Красный табак снов
Внук Чарли Чаплина на арене двенадцатого международного Чеховского фестиваля — всегда событие. На этот раз хореографическая драма называется «Красный табак» и как же всё-таки хорошо, что Джеймсу Тьере нет никакого дела до мирового помешательства на почве борьбы с курением. Две ключевые сцены спектакля инициируются раскуриванием бронзовой трубки, похожей на подсвечник. Окуривание первых рядов партера, окутывание ароматом цветочного табака — вполне себе ритуал, так что никто из зрителей ни на секунду не оторвался от сцены, чтобы подумать — куда смотрят полицейские, хватающие всех, закуривших у метро и культурных учреждений. Но прелесть и манок этого спектакля не только в табаке, хотя что-то древнеиндейское есть во всех работах Чаплина-внука. Прекрасно ведь, когда сценические идеи связаны с попыткой показать нечто, конгениальное «движению точки сборки» из книг Карлоса Кастанеды.
Это что-то, нечто, древнее — оно живёт постольку, поскольку театр не превращается в площадку для киносъёмки. Когда мы нащупали первую дефиницию, различение между плоским экраном и объёмным театром, можно отбросить неопределённость местоимений. В театр мы определённо идём для утончённого общения, но почти этого не осознаём. Почему? Во-первых, слишком много общаемся с экранами и клавиатурой, во-вторых, привыкли воссоздавать понятный образ из вырожденных проекций — экранных, буквенных, звуковых. Причём звук динамика перестали отличать от звука живого голоса или инструмента. В-третьих, не верим в прямой смысл актёрства как превращения в другого человека, потому что отлично чувствуем обман вымученного мимесиса, подражания. Но если подражание чувствам и эмоциям приводит к тошноте зрителя, то подражание жестам, голосу и характеру определённого человека приводит того же самого зрителя к ужасу и состраданию, то есть к катарсису, очищению.
Единственное спасение от платоновского мимесиса — мимесис аристотелевский. Если шунтировать, огрубить и упростить проблему, то Платон, в общем и целом, отделял искусство от работы с идеями и смыслами, видел лишь подражание природе, потому и отказывал поэтам в виде на жительство в своём идеальном государстве, где правят философы. Аристотель же не отказывал искусствам в смысле, то есть философы должны быть искусны в мимесисе так же, как и поэты в смыслообразовании. Поэтому после прочтения Аристотеля европейские искусствоведы получили возможность дальше развивать осмысление искусств «на атомном уровне». Искусство добывает истину, но не путём платоновского мимесиса, не путем простого подражания действительности, а через сгущение, уплотнение, модификацию реальной физической предметности, через особую организацию пространственной и временной композиции произведения.

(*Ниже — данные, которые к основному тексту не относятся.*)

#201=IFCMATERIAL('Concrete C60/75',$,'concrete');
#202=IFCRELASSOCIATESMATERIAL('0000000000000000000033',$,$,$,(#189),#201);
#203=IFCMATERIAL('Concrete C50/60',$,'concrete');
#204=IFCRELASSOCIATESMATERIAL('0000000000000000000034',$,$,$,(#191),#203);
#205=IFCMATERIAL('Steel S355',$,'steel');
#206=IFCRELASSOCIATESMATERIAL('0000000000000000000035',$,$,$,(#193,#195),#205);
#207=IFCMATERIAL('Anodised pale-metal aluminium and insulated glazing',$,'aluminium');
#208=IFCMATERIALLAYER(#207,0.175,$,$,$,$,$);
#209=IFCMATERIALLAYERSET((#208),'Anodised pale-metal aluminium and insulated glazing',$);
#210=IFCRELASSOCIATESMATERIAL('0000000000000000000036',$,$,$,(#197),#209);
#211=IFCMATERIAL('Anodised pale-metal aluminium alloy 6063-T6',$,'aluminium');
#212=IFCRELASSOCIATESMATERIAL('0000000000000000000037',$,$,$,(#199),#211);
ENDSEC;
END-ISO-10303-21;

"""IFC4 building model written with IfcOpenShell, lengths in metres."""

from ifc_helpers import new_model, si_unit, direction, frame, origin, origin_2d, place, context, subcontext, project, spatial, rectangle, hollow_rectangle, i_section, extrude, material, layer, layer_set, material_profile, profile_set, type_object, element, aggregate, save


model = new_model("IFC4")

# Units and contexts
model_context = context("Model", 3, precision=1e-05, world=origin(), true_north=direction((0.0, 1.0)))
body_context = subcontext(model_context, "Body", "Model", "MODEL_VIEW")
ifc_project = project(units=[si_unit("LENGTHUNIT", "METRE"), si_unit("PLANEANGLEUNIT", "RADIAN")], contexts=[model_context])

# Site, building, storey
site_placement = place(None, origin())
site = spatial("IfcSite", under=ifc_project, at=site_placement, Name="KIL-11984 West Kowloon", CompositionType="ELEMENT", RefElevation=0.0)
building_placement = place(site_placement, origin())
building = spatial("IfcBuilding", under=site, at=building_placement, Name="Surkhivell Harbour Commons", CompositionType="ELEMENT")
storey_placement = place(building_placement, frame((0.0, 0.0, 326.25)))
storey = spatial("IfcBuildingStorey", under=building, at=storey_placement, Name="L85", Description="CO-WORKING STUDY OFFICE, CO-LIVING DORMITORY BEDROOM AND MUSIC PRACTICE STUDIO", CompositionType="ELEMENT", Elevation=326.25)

Сгущение и уплотнение пространственно-временной композиции можно смело назвать смыслообразованием, про-из-водством образов.
Только на этом, довольно глубинном уровне работы режиссёров и актёров можно мириться в театре с наигрышем, то есть подражанием в области чувств и эмоций.
Мы это к чему? Джеймс Тьере занимается в «Красном табаке» сгущением танца в образ творческих мучений. Может ли сценический образ расколдовать страннейшую из деятельностей, то бишь творчество? Как показать творчество вообще, без привязки к
Спектакли Тьере можно выстроить в многосерийную философскую притчу, тем паче, что он делает всё сам — сценографию и хореографию встраивает в сюжетную идею. Впрочем, сюжет любого спектакля «Компании майского жука» — череда сновидений, что само по себе феноменально, ибо изымает театр из литературы и драматургии, но возвращает к вполне ритуальной шаманской форме. Вспоминая прошлый Чеховский фестиваль и спектакль Тьере «Рауль», можно составить список элементов сценографии, символично переходящих из одного спектакля в другой. Зеркало, металлические массивные, разрушаемые в финале декорации, двойники и периодический подземный гул. Танец же самого сценографа — нить и основа полотна произведения. В «Красном табаке» была нить-уток вышивки, как непрерывное движение танцовщиц. Танец Тьере состоял из сидения в древнем кресле, лихорадочной деятельности за живописным столом, двигающемся на «моторе» залезающей под него Валерии Дусе, из раскуривания трубки, похожей на бронзовый подсвечник. Танец Тьерри может быть и големом, полным отсутствием, глядением в пустоту. Это танец-биоморф, состоит из массы мелких, жестовых, суггестивных дрожаний и сдвигов.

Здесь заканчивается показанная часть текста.